Namun harus diperhatikan  hubungan dialogis tidak terjadi antar kata (dalam pengertian linguistik), atau antar kalimat, karena digunakan pada tataran bahasa, melainkan antar pengucapan. Dengan demikian, hubungan dialogis, menurut definisi, bersifat ekstralinguistik, karena memerlukan kata tersebut, tetapi dianggap sebagai fenomena total dan konkrit, dan itu hanya hidup dalam komunikasi dialogis. Hal ini terjadi di antara kesadaran-kesadaran yang bercermin satu sama lain, dan berkomitmen tidak hanya pada perkataan orang lain, namun  pada apa yang mereka nyatakan tentang diri mereka sendiri dan orang lain dalam konstitusi mereka sebagai subjek.
Dengan cara ini, pernyataan-pernyataan tersebut harus menjadi bagian dari ucapan dua orang dan menjalin kontak, merenungkan dan menanggapi satu sama lain; Mereka harus membuat penilaian yang dapat didiskusikan. Dalam pengertian ini, usulan translinguistik dan pendekatan budaya-historis lebih dekat, sejauh pendekatan ini bertujuan untuk menjelaskan proses mental manusia, mengintegrasikannya ke dalam lingkungan budaya, sejarah dan kelembagaan di mana proses tersebut.

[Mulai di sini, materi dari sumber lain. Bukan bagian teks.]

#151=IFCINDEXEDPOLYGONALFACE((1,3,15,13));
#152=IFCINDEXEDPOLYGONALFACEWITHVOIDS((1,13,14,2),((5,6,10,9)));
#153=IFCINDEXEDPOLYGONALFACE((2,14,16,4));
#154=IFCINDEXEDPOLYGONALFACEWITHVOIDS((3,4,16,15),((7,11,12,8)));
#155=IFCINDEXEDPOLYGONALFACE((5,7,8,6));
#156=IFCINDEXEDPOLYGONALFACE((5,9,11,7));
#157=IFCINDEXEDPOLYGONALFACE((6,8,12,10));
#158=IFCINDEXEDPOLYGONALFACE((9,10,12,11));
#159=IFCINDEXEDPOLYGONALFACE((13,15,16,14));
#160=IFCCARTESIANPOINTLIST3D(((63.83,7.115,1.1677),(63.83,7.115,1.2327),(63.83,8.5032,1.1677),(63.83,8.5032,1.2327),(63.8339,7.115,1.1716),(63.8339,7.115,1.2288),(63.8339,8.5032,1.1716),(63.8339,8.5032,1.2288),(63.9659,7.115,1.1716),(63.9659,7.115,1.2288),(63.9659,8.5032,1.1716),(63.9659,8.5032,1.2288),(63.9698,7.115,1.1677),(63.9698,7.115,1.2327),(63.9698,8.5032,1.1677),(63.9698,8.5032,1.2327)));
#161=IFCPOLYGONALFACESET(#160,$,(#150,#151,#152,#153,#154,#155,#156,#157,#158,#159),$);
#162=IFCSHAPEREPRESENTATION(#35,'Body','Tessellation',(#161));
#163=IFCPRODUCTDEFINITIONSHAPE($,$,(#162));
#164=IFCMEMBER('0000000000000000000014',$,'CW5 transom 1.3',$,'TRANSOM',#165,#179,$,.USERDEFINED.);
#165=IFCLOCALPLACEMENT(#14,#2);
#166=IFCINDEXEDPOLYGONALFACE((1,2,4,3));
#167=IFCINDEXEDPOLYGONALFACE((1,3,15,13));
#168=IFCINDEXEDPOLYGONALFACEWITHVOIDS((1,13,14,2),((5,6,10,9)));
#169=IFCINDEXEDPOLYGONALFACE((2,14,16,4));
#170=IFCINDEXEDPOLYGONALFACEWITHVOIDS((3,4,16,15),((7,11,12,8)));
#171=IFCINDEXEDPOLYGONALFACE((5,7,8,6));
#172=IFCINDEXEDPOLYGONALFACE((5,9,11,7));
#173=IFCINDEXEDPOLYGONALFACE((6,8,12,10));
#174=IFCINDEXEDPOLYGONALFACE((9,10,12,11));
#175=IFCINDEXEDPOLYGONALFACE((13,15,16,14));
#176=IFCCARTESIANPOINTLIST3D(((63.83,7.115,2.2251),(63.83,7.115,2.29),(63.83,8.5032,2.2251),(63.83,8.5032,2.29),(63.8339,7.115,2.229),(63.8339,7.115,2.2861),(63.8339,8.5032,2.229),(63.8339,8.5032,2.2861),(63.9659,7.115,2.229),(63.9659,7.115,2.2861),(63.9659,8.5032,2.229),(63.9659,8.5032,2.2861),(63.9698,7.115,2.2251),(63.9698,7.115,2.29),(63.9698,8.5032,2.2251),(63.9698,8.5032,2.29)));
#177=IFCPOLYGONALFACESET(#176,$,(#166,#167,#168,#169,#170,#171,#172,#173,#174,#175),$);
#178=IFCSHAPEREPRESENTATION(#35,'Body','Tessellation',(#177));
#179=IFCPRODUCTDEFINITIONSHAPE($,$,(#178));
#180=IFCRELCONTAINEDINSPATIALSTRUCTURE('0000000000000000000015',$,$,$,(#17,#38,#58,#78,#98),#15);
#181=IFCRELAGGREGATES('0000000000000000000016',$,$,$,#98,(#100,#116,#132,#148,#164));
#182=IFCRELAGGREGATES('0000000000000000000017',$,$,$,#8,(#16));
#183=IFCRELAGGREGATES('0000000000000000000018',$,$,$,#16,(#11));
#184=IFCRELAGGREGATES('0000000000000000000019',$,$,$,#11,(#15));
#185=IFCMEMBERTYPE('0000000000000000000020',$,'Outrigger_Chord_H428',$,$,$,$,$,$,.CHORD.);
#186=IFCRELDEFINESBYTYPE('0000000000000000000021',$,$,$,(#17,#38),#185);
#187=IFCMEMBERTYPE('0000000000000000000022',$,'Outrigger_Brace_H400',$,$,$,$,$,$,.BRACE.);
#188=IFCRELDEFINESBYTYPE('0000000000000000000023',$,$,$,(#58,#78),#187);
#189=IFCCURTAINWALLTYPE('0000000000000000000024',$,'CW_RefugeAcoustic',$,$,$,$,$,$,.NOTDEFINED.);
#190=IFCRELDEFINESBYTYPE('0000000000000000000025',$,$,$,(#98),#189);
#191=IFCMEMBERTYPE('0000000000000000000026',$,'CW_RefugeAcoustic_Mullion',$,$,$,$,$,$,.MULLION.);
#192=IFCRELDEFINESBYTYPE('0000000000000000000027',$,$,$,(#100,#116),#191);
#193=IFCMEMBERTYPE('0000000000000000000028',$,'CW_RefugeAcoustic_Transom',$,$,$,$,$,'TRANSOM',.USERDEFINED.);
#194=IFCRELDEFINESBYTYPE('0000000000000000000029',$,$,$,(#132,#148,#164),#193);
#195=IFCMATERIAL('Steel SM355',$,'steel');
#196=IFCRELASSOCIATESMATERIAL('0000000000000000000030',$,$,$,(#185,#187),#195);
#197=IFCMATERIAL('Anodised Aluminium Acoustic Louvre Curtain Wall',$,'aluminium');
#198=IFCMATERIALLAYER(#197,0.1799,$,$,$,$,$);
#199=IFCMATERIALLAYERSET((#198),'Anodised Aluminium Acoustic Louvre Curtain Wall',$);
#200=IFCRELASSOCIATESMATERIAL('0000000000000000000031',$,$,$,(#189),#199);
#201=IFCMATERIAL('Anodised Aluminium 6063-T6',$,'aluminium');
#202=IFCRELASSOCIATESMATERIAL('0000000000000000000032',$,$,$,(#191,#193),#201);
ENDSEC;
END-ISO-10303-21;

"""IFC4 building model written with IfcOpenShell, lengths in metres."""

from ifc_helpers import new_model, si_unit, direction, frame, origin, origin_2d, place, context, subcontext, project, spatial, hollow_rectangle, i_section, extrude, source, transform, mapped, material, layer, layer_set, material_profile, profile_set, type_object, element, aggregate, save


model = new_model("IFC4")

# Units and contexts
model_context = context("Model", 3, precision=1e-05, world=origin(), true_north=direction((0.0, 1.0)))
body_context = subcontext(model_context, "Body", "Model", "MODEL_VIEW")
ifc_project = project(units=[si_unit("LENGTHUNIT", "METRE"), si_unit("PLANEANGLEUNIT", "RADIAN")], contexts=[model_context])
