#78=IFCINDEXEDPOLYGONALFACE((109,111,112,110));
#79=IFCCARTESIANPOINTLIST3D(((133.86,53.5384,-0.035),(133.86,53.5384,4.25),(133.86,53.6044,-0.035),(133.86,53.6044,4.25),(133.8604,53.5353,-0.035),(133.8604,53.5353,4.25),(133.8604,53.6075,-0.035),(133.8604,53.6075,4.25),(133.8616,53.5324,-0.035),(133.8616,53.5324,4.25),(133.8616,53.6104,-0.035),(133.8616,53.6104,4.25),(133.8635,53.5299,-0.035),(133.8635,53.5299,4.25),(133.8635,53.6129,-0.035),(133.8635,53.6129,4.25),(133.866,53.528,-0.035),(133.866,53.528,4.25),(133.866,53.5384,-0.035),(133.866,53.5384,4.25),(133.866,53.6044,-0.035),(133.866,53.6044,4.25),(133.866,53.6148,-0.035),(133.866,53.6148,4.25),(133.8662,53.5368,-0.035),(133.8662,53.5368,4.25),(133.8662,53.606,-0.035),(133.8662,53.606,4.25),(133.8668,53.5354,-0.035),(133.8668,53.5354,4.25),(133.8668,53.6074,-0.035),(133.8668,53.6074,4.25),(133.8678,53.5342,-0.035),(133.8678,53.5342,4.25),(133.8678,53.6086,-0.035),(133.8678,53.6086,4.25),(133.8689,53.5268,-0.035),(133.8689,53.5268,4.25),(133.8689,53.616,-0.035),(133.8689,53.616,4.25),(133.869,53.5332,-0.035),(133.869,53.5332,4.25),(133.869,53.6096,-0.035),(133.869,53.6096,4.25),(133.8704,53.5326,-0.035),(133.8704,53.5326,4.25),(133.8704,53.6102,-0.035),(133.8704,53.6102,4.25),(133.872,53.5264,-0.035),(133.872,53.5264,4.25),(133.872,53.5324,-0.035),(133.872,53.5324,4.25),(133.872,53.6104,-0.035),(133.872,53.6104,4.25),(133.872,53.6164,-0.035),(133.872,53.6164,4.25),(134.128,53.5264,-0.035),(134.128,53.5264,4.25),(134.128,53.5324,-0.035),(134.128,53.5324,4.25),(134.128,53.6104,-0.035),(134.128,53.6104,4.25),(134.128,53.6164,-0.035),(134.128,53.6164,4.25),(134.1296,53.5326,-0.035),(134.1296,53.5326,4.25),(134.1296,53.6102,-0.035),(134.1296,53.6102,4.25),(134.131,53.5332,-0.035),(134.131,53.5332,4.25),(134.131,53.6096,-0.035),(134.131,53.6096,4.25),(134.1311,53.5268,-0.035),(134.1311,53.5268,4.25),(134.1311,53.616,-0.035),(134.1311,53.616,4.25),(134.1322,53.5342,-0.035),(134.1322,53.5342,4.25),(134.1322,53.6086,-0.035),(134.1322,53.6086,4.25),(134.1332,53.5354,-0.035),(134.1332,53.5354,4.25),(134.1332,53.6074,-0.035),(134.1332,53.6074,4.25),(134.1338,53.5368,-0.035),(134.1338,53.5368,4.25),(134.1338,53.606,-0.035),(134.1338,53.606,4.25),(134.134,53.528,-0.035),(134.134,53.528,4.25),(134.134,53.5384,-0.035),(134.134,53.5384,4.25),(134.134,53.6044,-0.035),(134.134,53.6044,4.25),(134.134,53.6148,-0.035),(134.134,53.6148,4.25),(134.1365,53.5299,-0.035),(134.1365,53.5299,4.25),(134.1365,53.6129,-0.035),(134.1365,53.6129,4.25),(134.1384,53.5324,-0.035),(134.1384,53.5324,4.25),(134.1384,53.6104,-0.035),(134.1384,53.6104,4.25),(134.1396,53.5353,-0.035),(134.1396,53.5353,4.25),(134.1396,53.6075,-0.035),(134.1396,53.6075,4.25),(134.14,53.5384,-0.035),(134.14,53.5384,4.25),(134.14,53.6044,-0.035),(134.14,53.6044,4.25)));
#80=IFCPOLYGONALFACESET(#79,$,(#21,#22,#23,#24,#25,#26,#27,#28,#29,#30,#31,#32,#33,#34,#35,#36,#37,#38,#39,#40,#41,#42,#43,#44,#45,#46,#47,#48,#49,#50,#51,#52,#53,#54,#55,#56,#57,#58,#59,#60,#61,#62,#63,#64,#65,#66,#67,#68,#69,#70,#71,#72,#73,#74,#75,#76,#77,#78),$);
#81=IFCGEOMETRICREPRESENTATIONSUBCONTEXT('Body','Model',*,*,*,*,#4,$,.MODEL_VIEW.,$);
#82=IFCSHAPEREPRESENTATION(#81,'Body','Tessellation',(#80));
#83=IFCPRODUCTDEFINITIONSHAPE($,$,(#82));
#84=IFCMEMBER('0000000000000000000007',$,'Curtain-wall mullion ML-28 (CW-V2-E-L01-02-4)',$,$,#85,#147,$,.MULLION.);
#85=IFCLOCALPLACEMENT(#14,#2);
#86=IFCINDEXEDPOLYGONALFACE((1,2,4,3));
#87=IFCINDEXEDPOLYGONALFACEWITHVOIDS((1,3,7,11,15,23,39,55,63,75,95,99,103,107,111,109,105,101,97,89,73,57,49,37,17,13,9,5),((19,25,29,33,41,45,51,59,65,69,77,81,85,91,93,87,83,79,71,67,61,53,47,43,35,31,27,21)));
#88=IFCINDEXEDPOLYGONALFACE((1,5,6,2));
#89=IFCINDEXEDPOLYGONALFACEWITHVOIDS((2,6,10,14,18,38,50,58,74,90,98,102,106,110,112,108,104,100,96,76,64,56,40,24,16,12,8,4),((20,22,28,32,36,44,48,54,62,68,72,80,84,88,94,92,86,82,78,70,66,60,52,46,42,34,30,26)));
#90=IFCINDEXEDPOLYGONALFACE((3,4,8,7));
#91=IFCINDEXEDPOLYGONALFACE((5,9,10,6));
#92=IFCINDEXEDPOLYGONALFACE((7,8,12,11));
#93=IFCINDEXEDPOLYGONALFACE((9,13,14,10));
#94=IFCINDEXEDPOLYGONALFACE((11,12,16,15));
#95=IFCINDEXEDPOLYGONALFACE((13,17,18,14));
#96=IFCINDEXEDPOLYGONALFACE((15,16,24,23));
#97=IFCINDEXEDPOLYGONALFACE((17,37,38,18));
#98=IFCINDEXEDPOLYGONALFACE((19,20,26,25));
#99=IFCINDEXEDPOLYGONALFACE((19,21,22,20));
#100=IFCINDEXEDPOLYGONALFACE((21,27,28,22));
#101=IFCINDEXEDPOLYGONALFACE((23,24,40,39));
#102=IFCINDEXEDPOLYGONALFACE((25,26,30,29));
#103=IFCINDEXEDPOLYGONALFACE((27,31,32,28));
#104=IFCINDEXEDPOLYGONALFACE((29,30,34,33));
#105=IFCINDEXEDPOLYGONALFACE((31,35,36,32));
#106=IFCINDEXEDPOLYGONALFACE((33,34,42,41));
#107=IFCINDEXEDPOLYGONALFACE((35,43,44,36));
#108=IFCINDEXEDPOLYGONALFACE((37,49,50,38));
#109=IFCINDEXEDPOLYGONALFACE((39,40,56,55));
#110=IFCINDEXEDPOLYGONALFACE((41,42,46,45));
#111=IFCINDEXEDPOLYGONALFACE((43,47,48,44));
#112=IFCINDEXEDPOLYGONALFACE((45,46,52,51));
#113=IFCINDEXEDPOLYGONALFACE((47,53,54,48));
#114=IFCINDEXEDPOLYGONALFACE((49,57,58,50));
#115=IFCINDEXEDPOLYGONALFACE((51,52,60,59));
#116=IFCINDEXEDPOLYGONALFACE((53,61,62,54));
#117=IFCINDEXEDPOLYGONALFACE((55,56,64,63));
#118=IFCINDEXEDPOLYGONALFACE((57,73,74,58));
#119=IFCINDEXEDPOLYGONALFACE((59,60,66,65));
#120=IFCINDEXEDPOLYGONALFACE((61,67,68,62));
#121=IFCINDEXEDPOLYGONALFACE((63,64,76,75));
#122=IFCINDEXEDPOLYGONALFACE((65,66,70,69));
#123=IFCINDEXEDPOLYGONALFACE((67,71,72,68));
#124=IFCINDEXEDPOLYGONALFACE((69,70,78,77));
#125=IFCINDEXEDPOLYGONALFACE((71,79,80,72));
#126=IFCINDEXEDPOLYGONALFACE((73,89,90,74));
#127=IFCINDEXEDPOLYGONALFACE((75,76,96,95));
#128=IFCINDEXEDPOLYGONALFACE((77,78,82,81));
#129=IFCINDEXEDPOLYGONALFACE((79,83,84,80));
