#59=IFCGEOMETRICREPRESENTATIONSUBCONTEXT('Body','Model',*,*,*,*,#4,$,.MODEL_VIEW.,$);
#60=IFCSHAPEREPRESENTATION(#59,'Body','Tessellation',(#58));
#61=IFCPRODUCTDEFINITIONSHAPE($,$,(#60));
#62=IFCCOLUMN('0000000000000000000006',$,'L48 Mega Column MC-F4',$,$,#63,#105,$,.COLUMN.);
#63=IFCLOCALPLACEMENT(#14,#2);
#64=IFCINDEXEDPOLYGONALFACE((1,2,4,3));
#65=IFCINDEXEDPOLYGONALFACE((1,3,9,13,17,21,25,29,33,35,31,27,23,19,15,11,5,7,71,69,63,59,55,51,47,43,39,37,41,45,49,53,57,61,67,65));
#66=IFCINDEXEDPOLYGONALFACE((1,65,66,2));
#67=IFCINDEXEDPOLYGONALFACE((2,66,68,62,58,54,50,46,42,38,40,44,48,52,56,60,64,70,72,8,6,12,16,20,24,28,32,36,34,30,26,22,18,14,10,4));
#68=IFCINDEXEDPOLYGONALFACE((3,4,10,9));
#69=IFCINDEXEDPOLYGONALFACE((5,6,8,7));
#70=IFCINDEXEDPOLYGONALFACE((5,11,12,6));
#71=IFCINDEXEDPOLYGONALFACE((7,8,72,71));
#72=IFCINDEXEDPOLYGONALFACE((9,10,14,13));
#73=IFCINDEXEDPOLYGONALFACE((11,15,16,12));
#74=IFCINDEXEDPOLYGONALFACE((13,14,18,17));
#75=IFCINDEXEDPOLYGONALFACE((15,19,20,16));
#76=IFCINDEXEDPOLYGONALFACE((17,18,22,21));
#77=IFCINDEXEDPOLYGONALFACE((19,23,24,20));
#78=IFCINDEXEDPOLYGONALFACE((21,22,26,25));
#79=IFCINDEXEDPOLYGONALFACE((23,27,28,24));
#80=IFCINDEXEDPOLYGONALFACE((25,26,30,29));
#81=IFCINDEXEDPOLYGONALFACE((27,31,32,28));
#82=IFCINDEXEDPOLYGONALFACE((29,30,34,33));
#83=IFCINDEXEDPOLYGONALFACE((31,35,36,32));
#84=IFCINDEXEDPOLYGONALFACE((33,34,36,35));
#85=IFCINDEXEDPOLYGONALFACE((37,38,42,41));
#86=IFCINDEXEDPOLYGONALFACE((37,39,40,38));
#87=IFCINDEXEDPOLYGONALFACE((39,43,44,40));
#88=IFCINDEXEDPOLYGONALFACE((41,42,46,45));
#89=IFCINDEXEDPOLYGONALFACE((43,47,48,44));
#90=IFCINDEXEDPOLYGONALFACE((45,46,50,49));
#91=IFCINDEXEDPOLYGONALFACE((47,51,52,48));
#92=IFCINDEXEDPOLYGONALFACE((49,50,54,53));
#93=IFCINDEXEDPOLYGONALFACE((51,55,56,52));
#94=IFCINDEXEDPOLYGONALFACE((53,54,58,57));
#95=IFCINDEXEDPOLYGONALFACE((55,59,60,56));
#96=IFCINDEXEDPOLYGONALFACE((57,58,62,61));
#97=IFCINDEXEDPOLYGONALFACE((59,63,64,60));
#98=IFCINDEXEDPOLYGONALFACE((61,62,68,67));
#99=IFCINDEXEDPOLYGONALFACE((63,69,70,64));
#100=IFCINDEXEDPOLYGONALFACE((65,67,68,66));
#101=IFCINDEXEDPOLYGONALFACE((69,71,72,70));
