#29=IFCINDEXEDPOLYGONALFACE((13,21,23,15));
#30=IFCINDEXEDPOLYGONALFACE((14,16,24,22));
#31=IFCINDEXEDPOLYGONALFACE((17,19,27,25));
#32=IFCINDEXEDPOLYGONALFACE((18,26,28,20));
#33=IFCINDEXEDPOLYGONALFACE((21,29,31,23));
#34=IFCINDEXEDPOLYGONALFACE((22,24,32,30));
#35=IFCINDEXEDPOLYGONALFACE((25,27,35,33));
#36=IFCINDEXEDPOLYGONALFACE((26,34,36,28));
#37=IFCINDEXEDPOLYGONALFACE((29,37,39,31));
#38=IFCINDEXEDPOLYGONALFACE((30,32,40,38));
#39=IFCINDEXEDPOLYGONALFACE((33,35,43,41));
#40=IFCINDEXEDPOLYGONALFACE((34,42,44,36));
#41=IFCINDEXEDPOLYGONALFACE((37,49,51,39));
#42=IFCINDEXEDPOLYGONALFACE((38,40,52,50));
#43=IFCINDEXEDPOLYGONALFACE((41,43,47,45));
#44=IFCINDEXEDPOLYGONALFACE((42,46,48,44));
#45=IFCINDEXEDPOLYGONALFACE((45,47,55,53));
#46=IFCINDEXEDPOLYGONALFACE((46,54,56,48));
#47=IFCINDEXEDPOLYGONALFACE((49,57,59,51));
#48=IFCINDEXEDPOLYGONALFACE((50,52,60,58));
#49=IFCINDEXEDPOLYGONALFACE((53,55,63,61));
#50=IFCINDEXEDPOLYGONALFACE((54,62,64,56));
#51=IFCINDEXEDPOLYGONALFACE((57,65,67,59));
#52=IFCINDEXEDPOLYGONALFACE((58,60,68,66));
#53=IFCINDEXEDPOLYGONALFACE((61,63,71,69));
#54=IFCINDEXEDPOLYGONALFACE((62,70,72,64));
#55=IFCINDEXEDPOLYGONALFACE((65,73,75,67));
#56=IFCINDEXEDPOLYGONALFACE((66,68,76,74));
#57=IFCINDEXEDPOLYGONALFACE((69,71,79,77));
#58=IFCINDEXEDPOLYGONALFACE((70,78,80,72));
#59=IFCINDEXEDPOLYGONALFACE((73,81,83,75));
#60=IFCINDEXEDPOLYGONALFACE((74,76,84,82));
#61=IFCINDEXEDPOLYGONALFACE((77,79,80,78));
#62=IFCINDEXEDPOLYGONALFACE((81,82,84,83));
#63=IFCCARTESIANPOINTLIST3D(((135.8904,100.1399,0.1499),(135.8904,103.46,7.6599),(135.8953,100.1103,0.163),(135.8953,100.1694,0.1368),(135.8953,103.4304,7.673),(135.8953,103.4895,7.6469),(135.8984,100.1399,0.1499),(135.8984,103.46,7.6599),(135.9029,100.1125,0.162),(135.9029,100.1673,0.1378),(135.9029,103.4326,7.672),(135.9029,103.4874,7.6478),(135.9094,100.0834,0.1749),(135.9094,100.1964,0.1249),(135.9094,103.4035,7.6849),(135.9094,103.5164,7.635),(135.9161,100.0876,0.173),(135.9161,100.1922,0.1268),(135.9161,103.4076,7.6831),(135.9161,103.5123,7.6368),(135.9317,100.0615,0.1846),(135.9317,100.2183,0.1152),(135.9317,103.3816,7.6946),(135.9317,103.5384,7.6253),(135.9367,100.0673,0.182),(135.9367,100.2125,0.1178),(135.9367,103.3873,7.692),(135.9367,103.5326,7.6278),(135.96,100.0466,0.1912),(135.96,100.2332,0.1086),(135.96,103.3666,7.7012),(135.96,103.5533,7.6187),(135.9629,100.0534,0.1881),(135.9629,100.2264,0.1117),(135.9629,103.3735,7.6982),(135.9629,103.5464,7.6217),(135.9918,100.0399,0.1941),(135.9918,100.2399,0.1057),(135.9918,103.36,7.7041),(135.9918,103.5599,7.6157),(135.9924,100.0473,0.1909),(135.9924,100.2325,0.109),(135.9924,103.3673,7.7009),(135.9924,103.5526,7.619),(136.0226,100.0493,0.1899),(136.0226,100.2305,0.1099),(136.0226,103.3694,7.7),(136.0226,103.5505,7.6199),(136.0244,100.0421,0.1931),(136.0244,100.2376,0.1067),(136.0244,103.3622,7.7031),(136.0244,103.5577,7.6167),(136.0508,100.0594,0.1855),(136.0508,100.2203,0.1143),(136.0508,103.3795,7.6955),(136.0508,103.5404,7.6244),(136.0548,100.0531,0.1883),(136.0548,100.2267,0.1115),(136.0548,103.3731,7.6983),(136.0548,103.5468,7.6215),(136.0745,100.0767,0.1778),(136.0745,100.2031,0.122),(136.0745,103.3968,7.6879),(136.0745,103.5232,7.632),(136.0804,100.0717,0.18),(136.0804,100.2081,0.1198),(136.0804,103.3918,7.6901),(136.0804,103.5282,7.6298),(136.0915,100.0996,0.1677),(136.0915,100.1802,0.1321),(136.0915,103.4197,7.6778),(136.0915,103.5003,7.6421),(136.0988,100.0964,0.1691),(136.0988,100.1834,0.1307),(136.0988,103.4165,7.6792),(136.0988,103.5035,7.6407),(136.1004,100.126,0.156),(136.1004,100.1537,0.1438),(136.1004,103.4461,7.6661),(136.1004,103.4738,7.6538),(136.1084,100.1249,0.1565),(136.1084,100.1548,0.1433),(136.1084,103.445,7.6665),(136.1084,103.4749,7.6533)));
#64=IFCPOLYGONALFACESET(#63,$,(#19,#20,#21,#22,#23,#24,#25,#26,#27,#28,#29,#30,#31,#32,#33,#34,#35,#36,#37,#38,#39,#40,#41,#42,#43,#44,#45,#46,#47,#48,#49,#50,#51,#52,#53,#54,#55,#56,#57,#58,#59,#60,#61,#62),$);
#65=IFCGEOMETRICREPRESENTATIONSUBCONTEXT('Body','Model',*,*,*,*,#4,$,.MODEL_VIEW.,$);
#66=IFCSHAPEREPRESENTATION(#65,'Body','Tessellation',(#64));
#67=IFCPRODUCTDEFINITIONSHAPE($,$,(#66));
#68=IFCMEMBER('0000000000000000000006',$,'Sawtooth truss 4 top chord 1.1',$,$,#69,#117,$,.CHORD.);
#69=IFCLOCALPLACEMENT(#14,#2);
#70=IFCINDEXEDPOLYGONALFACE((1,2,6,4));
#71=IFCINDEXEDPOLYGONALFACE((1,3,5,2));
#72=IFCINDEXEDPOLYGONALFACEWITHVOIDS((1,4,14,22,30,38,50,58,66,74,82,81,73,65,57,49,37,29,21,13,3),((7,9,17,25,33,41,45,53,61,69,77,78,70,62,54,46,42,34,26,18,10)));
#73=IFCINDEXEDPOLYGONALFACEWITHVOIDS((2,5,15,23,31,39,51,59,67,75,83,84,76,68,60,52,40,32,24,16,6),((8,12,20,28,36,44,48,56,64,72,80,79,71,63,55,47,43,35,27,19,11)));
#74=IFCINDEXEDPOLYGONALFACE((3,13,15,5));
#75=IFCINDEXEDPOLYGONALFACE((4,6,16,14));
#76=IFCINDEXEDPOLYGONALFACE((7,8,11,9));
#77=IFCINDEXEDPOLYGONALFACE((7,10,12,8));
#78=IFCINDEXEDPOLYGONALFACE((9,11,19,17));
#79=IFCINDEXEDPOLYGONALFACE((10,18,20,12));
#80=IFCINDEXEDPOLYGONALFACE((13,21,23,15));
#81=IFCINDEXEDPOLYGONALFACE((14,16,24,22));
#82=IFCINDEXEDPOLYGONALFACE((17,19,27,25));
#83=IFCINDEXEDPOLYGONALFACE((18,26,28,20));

Pengucapan hanya ada dalam hubungan sosial yang mereka sendiri bantu bentuk. Demikian pula, mereka memperkenalkan aspek-aspek seperti pluralisme dan relativisme, tanggung jawab individu dan intersubjektivitas dalam pemahaman bersama tentang maksud dan kebutuhan subjek. Apollo (2009)
Seperti yang dinyatakan oleh Vygotsky (1993), kata -atau tanda- diinternalisasikan. Namun, sesuai dengan apa yang telah disebutkan selama ini, tanda yang netral dan seragam tidak akan diinternalisasikan, melainkan merupakan konstruksi internal dan representasi dunia. Ini adalah kata yang dihuni oleh berjuta-juta suara yang menyiratkan banyak posisi.
Jadi, ketika menginternalisasikan suatu tanda, hal yang sama terjadi pada postur dan, oleh karena itu, pada cara-cara di mana sesuatu direpresentasikan. Karena internalisasi bukanlah salinan karbon tetapi transformasi, maka orientasi pemikiran akan diturunkan darinya, yaitu ucapan internal.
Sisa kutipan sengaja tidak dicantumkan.